7. What in the world?
One of the biggest reasons why millions of people come to Minor League ballparks -- other than the games -- are all the unusual sights and characters you'd never see in the Majors. The Dayton Dragons have Roofman, a caped crusader who lives on the roof of Fifth Third Field and throws out autographed softee balls to the crowd.
Peoria, Ill. might be as far away from a tropical paradise as you can get, but don't tell that to the Chiefs fans there. Situated on the left-field berm at O'Brien Field are nine wavy palm trees, which act like a magnet to fans during the sweltering summer months.
8. Seeing stars
A month before the big leaguers head to San Francisco for their All-Star Game, both Class A leagues hold their mid-summer classic, or should it be the early summer classic? On June 19, both the SAL and the MWL hold their All-Star games at State Mutual Stadium in Rome, Ga. and Elfstrom Stadium in Geneva, Ill., respectively. Last year, the East beat the West, 7-1, in the MWL contest with Dayton's Jay Bruce winning MVP honors. In the SAL, the North blanked the South, 4-0, as West Virginia's Mat Gamel won the MVP award.
9. The road to recovery
Cancer is something that is not supposed to affect young people in the prime of their lives, but that is exactly what happened last year when Boston Red Sox left-hander Jon Lester was diagnosed with non-Hodgkin's lymphoma in his back. Thankfully, the cancer was caught early enough that doctors were able to effectively treat Lester.

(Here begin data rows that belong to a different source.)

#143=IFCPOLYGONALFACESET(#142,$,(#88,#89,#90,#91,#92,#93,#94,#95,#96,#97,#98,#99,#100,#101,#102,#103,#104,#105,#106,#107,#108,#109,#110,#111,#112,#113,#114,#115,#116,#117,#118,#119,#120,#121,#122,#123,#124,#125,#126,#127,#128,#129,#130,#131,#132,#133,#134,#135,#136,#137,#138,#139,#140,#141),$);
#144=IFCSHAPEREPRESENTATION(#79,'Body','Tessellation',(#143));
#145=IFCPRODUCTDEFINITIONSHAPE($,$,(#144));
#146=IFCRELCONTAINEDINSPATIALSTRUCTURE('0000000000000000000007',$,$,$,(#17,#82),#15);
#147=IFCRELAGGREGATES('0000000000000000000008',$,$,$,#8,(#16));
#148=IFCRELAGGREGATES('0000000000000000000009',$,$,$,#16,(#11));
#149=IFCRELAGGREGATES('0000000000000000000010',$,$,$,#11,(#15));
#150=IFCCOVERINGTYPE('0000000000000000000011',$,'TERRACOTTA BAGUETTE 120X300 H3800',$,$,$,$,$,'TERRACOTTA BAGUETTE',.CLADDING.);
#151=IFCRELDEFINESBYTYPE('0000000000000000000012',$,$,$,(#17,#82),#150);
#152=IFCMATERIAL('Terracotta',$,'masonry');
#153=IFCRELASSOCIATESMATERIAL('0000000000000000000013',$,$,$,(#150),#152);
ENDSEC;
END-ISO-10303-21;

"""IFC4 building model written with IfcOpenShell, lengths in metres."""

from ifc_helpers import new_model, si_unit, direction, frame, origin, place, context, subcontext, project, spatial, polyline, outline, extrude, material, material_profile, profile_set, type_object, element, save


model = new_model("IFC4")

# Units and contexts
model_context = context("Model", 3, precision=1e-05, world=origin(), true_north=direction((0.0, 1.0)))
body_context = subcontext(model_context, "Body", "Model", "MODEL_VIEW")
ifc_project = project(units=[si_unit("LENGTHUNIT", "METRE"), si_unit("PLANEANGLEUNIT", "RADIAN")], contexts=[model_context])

Now with the cancer in remission, a healthy Lester's comeback trail starts in Greenville, S.C. with the Greenville Drive. The environs should be somewhat familiar to Lester, as West End Field was built with the exact dimensions of Fenway Park, right down to the Green Monster and the Bermuda Triangle in center field.
10. An end of an era
When most people think of a "baseball lifer," they think of some coach or general manager in his early 70s who started playing as a teenager and has been enjoying the big-league lifestyle for many decades. Rarely will people imagine being involved in the Minor Leagues for 60 years, especially in just one league, which is exactly what South Atlantic League president John H. Moss has done.
Moss has been involved in Minor League Baseball since 1947 when he became the youngest league president ever for the Western Carolina League. 2007 will now be Moss' last at the helm for the SAL, which he turned from a semi-pro circuit to a professional league in 1959. His last day in office will be Dec. 31.
Michael Echan is a contributor to MLB.com.